25 February 2019

Our Machine + Human
Approach to Combating
Influencer Fraud

Influencer fraud continues to be an industry-wide issue. Everyone from tech giants to agencies to vendors and marketers are all trying to refine their models and algorithms to help eliminate fraudulent activity. As we all work to come up with the best solution, the below is our current process on how we’re tackling the issue on our end. And, as technology and the industry become smarter, we continue to adapt and refine our process.

Machine + Human Approach

Machine: we leverage the machines, automated technology, to alert us of any suspicious patterns that come up in the data when analyzing influencers. Some of the most insightful data points like the below are already baked in within our algorithms:

    • Follower Growth: How quickly has the influencer’s audience grown? Did the growth follow normal patterns? Are growth spikes accompanied by the expected natural spikes in engagement?
    • Audience Location Percentage: Where is the influencer’s audience based? Is that distribution normal for influencers in the same region?
    • Engagement Rate: How does the influencer’s rate of likes and comments compare to the expected rates for a particular social network?

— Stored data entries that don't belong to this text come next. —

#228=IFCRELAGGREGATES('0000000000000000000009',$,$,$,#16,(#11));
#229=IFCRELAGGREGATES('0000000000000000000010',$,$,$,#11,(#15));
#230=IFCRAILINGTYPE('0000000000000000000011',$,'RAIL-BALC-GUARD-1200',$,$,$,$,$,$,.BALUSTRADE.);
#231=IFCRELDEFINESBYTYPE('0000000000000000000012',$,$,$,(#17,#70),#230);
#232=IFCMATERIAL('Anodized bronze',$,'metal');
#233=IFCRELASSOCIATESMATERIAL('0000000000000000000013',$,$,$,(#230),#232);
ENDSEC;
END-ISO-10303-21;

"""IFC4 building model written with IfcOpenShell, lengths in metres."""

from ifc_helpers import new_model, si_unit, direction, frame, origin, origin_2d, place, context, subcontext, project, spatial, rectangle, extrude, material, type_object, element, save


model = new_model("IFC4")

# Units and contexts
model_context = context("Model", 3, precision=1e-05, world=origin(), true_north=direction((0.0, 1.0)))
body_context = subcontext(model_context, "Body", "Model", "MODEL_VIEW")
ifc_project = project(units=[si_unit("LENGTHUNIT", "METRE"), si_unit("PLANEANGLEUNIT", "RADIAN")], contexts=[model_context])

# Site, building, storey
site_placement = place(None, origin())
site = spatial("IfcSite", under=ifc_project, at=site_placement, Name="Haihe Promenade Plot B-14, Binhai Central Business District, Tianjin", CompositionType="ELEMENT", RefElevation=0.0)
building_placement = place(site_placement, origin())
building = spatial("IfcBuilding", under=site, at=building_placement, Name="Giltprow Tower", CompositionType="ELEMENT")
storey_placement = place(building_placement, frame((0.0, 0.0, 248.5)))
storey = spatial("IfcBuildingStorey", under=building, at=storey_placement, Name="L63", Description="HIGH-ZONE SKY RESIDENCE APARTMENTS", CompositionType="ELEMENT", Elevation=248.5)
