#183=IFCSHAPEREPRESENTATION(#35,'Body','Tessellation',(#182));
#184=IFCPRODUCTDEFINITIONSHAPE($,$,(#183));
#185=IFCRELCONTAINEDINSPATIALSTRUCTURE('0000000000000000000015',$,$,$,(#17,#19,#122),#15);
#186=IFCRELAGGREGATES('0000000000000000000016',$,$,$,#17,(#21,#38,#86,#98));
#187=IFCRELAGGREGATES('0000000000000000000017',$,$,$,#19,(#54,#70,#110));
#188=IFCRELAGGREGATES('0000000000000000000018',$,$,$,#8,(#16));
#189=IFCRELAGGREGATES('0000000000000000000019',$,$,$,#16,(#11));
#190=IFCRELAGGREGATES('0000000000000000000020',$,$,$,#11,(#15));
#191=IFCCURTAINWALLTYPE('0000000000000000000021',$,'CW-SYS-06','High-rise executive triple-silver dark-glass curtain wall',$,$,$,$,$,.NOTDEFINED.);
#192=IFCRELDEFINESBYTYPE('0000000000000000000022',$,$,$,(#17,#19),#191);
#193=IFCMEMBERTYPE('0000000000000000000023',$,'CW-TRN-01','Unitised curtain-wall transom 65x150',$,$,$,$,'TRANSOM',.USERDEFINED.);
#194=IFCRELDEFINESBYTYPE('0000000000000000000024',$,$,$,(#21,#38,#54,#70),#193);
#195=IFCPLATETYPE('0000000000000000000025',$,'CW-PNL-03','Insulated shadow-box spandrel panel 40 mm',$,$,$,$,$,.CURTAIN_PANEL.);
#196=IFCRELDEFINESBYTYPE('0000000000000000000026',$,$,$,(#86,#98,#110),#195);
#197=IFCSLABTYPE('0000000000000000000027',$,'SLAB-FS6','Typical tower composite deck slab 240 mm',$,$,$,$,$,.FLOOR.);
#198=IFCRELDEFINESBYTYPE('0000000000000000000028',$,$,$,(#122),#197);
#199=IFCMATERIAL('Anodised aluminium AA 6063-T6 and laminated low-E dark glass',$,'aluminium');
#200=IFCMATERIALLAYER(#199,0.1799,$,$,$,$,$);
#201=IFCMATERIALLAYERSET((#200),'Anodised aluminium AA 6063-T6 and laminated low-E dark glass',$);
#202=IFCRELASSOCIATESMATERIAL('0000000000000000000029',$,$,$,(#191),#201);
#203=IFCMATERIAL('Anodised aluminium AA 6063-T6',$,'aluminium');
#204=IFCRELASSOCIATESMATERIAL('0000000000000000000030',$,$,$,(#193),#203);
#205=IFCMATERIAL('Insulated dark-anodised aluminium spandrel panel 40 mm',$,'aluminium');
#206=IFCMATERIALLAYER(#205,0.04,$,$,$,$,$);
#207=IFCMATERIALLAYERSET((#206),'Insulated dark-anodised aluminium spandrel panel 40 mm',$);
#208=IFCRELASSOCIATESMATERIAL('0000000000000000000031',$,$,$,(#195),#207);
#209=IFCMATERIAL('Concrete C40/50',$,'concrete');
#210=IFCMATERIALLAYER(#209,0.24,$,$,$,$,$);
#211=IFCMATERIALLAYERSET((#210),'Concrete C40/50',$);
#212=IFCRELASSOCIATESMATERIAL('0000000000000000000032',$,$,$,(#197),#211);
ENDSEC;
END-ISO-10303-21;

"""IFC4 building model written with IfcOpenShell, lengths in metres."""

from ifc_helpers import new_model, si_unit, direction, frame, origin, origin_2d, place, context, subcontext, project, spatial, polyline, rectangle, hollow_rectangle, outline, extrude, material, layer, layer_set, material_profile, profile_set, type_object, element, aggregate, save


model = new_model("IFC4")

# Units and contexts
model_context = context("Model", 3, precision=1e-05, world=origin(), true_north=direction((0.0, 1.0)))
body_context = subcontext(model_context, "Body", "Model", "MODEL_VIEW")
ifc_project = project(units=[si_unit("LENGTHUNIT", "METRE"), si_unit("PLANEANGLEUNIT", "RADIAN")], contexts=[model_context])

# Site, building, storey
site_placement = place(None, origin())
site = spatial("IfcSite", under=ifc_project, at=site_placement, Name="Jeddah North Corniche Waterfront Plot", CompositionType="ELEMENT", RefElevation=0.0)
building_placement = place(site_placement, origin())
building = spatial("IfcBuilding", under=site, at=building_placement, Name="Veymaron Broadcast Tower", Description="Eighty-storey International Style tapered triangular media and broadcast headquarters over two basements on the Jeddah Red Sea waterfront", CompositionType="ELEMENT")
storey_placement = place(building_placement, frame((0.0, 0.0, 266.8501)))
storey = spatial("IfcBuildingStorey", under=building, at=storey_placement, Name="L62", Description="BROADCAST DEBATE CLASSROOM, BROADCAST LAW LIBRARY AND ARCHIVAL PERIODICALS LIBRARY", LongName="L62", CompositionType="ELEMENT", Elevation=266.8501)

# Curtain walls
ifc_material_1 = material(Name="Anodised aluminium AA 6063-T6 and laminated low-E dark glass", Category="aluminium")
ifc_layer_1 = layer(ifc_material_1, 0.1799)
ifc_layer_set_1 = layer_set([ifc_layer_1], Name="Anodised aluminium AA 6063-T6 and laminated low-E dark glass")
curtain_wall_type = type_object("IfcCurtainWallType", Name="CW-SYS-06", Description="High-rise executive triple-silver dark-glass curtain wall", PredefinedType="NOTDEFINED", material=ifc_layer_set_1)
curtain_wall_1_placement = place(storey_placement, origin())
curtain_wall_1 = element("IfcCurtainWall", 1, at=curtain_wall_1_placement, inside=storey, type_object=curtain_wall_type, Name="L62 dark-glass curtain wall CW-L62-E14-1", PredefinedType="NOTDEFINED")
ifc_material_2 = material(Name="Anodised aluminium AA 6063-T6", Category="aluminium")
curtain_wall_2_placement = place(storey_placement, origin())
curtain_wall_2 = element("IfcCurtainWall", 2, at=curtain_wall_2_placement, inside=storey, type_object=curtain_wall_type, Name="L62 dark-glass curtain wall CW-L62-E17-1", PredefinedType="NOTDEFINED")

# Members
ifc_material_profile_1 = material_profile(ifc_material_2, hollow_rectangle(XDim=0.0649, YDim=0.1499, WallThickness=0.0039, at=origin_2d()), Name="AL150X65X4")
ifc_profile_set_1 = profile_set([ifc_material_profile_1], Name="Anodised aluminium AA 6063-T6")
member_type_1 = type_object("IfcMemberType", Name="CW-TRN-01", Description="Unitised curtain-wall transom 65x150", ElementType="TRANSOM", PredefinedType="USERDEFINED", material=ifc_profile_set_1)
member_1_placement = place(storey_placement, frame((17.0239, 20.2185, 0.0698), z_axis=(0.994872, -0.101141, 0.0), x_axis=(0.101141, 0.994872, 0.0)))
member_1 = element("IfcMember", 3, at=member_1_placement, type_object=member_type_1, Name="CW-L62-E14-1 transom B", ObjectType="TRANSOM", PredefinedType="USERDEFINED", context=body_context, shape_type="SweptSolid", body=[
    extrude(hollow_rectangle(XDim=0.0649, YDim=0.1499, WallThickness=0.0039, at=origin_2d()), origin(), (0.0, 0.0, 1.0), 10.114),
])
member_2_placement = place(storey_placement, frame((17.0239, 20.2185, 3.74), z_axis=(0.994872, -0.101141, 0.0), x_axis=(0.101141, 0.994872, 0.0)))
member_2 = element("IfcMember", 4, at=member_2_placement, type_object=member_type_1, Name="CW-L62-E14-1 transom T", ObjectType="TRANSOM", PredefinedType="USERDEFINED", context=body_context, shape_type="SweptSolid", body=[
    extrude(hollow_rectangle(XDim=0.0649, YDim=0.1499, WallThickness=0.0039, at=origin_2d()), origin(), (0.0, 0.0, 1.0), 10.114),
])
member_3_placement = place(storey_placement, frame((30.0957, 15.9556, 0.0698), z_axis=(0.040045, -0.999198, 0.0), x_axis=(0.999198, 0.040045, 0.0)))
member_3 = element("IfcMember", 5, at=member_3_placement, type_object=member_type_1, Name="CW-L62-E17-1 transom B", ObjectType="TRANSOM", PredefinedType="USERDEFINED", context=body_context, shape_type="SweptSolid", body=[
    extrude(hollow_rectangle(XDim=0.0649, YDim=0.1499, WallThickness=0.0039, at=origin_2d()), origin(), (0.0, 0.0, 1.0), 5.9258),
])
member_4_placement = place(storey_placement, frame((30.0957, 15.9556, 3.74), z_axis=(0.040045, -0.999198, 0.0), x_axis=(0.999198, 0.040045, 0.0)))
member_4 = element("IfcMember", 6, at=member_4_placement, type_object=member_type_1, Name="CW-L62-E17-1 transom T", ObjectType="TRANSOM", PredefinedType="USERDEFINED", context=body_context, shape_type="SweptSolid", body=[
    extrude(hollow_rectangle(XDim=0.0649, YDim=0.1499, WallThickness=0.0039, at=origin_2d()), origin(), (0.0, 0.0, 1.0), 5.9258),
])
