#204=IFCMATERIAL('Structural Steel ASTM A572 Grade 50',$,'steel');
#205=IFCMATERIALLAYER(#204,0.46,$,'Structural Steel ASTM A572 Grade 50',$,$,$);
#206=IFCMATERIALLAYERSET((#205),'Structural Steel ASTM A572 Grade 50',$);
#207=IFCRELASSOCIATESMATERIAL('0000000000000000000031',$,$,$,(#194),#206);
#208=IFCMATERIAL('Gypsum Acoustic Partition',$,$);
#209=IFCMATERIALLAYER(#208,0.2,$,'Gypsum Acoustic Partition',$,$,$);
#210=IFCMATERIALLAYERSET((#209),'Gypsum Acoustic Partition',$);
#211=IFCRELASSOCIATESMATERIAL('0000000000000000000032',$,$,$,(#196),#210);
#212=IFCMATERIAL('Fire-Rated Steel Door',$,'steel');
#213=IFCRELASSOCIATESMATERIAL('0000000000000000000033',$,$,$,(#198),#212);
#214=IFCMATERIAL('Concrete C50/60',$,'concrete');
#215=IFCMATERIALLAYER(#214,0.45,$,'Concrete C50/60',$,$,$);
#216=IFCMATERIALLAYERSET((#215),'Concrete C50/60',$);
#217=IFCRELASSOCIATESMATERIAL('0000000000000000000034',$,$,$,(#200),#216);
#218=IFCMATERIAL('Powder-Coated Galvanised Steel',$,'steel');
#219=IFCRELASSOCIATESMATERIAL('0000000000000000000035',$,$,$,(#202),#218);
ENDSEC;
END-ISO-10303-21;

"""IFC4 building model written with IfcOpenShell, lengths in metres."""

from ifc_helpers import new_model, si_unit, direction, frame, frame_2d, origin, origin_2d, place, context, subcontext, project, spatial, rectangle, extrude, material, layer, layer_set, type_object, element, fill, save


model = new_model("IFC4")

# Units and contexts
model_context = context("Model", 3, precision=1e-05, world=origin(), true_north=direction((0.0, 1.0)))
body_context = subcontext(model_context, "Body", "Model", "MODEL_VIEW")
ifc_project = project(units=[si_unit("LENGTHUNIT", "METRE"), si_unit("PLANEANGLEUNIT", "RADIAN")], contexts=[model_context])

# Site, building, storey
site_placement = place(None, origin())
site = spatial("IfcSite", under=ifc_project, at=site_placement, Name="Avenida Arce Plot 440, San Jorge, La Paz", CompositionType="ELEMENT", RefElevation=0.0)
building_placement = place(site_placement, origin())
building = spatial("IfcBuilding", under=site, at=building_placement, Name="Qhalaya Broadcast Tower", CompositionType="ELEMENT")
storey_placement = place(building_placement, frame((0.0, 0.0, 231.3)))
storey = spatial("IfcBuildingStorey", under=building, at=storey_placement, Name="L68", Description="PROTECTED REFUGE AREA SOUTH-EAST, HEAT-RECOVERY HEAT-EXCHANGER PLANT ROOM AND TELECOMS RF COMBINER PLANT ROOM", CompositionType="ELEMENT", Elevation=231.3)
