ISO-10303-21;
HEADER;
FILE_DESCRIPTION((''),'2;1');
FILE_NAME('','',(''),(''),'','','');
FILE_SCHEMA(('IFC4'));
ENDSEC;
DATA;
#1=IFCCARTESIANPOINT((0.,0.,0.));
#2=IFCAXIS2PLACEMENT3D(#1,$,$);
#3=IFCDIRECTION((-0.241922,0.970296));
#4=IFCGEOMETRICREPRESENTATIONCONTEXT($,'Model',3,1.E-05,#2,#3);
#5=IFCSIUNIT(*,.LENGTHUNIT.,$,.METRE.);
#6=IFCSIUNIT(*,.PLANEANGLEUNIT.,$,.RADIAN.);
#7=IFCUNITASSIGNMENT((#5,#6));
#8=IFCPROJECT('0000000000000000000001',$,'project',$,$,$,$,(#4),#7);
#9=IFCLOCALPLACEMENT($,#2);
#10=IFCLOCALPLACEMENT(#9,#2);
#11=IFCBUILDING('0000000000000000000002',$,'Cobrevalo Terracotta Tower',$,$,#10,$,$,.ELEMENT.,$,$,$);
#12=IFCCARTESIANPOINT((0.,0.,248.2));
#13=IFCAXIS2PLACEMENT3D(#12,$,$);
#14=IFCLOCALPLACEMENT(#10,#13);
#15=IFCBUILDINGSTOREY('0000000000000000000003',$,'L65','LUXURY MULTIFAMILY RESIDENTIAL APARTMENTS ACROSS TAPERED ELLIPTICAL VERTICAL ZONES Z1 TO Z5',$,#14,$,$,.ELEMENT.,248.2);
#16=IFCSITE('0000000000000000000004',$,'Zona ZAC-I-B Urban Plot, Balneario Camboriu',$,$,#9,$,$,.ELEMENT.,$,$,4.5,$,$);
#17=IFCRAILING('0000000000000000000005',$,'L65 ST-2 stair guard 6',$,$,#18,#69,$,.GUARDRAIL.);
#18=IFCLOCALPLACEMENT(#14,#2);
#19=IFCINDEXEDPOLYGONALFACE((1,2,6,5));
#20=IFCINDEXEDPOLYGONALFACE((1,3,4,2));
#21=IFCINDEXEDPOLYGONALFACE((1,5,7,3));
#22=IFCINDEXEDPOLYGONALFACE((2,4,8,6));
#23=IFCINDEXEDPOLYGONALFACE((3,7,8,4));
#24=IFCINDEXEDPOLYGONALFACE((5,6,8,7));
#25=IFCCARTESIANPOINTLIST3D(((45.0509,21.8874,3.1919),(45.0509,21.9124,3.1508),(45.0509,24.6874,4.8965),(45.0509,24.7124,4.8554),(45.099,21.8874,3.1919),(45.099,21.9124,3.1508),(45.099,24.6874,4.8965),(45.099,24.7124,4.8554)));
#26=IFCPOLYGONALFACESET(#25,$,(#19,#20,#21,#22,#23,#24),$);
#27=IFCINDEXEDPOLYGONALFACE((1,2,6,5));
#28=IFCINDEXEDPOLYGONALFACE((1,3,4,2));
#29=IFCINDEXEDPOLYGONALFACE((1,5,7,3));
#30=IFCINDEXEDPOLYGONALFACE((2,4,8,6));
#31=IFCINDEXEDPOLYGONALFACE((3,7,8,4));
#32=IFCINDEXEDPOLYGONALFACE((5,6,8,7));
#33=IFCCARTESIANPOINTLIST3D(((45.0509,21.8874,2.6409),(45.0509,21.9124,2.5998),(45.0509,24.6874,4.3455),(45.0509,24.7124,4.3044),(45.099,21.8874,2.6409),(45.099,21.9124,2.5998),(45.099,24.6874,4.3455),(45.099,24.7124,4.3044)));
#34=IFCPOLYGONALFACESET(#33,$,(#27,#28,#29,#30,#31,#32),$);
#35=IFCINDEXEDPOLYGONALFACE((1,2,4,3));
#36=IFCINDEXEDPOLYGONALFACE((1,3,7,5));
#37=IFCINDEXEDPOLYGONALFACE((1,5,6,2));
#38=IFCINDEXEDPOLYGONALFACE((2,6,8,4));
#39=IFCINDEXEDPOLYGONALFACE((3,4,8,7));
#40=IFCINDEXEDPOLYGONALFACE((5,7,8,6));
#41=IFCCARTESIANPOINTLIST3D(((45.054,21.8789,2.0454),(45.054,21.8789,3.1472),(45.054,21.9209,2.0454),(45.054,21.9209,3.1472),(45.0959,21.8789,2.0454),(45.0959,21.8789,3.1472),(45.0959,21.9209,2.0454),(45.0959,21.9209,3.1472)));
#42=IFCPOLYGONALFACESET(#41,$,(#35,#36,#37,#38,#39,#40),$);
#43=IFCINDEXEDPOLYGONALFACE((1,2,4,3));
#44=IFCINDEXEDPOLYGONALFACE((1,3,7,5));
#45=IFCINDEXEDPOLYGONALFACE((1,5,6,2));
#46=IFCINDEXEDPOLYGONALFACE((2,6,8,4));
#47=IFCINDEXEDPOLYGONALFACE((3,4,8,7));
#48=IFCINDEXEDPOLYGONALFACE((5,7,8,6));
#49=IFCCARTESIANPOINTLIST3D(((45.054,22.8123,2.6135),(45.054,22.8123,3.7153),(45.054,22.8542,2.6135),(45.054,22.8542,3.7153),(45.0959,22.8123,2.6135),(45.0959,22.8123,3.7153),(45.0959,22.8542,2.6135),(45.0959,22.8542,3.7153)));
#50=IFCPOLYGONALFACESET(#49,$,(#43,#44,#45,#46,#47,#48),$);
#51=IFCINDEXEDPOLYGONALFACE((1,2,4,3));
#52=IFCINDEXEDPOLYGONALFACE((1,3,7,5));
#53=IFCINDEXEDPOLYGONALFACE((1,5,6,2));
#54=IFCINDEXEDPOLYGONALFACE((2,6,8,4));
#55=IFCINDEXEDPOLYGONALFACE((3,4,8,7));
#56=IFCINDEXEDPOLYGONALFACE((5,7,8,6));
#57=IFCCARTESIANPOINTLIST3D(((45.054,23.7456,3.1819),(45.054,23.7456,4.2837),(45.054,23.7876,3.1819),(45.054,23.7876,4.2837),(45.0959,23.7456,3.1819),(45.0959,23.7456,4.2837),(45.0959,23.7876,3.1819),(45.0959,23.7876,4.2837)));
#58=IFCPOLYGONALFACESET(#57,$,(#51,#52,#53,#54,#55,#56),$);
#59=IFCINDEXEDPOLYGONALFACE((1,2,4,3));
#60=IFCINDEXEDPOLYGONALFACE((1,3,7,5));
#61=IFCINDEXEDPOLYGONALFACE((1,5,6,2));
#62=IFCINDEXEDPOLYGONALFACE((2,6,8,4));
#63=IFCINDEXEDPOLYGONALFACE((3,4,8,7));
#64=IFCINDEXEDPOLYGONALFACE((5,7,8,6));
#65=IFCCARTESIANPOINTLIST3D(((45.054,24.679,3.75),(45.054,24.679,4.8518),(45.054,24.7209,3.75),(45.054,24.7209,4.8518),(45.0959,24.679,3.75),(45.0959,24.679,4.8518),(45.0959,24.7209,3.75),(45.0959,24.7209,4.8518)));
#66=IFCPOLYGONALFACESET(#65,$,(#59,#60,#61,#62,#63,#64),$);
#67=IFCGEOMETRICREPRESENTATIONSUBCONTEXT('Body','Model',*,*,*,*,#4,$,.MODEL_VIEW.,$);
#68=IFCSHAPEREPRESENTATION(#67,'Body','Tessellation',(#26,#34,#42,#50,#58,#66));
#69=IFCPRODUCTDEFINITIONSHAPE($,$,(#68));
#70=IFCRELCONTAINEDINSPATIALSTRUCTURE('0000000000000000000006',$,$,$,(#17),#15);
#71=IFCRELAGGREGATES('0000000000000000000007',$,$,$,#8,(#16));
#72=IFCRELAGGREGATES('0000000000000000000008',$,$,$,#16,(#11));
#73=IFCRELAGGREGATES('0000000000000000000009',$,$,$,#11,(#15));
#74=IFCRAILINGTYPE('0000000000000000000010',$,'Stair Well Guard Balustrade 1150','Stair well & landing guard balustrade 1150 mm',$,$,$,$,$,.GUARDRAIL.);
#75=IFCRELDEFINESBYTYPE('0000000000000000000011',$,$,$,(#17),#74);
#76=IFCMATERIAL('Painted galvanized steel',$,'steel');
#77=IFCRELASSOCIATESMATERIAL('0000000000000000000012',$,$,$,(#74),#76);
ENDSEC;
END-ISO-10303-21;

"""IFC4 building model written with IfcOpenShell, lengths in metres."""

from ifc_helpers import new_model, si_unit, direction, frame, origin, origin_2d, place, context, subcontext, project, spatial, rectangle, extrude, material, type_object, element, save


model = new_model("IFC4")

# Units and contexts
model_context = context("Model", 3, precision=1e-05, world=origin(), true_north=direction((-0.241922, 0.970296)))
body_context = subcontext(model_context, "Body", "Model", "MODEL_VIEW")
ifc_project = project(units=[si_unit("LENGTHUNIT", "METRE"), si_unit("PLANEANGLEUNIT", "RADIAN")], contexts=[model_context])

# Site, building, storey
site_placement = place(None, origin())
site = spatial("IfcSite", under=ifc_project, at=site_placement, Name="Zona ZAC-I-B Urban Plot, Balneario Camboriu", CompositionType="ELEMENT", RefElevation=4.5)
building_placement = place(site_placement, origin())
building = spatial("IfcBuilding", under=site, at=building_placement, Name="Cobrevalo Terracotta Tower", CompositionType="ELEMENT")
storey_placement = place(building_placement, frame((0.0, 0.0, 248.2)))
storey = spatial("IfcBuildingStorey", under=building, at=storey_placement, Name="L65", Description="LUXURY MULTIFAMILY RESIDENTIAL APARTMENTS ACROSS TAPERED ELLIPTICAL VERTICAL ZONES Z1 TO Z5", CompositionType="ELEMENT", Elevation=248.2)

# Railing
ifc_material_1 = material(Name="Painted galvanized steel", Category="steel")
railing_type_1 = type_object("IfcRailingType", Name="Stair Well Guard Balustrade 1150", Description="Stair well & landing guard balustrade 1150 mm", PredefinedType="GUARDRAIL", material=ifc_material_1)
railing_1_placement = place(storey_placement, frame((45.075, 21.8999, 2.0454)))
element("IfcRailing", 1, at=railing_1_placement, inside=storey, type_object=railing_type_1, Name="L65 ST-2 stair guard 6", PredefinedType="GUARDRAIL", context=body_context, shape_type="SweptSolid", body=[
    extrude(rectangle(XDim=0.0481, YDim=0.0481, at=origin_2d()), frame((0.0, 0.0, 1.126), z_axis=(0.0, 0.85417, 0.519994), x_axis=(-1.0, 0.0, 0.0)), (0.0, 0.0, 1.0), 3.2781),
    extrude(rectangle(XDim=0.0481, YDim=0.0481, at=origin_2d()), frame((0.0, 0.0, 0.575), z_axis=(0.0, 0.85417, 0.519994), x_axis=(-1.0, 0.0, 0.0)), (0.0, 0.0, 1.0), 3.2781),
    extrude(rectangle(XDim=0.042, YDim=0.042, at=origin_2d()), origin(), (0.0, 0.0, 1.0), 1.1018),
    extrude(rectangle(XDim=0.042, YDim=0.042, at=origin_2d()), frame((0.0, 0.9333, 0.5681)), (0.0, 0.0, 1.0), 1.1018),
    extrude(rectangle(XDim=0.042, YDim=0.042, at=origin_2d()), frame((0.0, 1.8667, 1.1365)), (0.0, 0.0, 1.0), 1.1018),
    extrude(rectangle(XDim=0.042, YDim=0.042, at=origin_2d()), frame((0.0, 2.8, 1.7046)), (0.0, 0.0, 1.0), 1.1018),
])

save(model, "model.ifc")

Human: We believe that people need to manually perform audits and really dig into the details in order to truly assess if anything is fraudulent. For example, a machine may alert us that the engagement levels of an influencer doubled over night and while that seems unusual and typical of fraudulent activity, when checking the influencer’s page, we may notice they were tagged by a celebrity in a post the day before and that’s what caused a huge spike in followers.

The types of things to check manually prior to/after any alerts;

    • Content – what is the quality overall? Do the engagement levels seem in line with the amount of followers they have?
    • Audience – Double click into their followers. Are they primarily located in one area vs another and if so, does it make sense? Do their areas of interest line up with the influencer’s?
    • Comment quality – Do the comments seem authentic or are they repetitive and vague

A Machine + Human approach is robust and thorough and while it can be intense in certain instances, we believe that it is truly the best way method for assessing influencer fraud in today’s environment.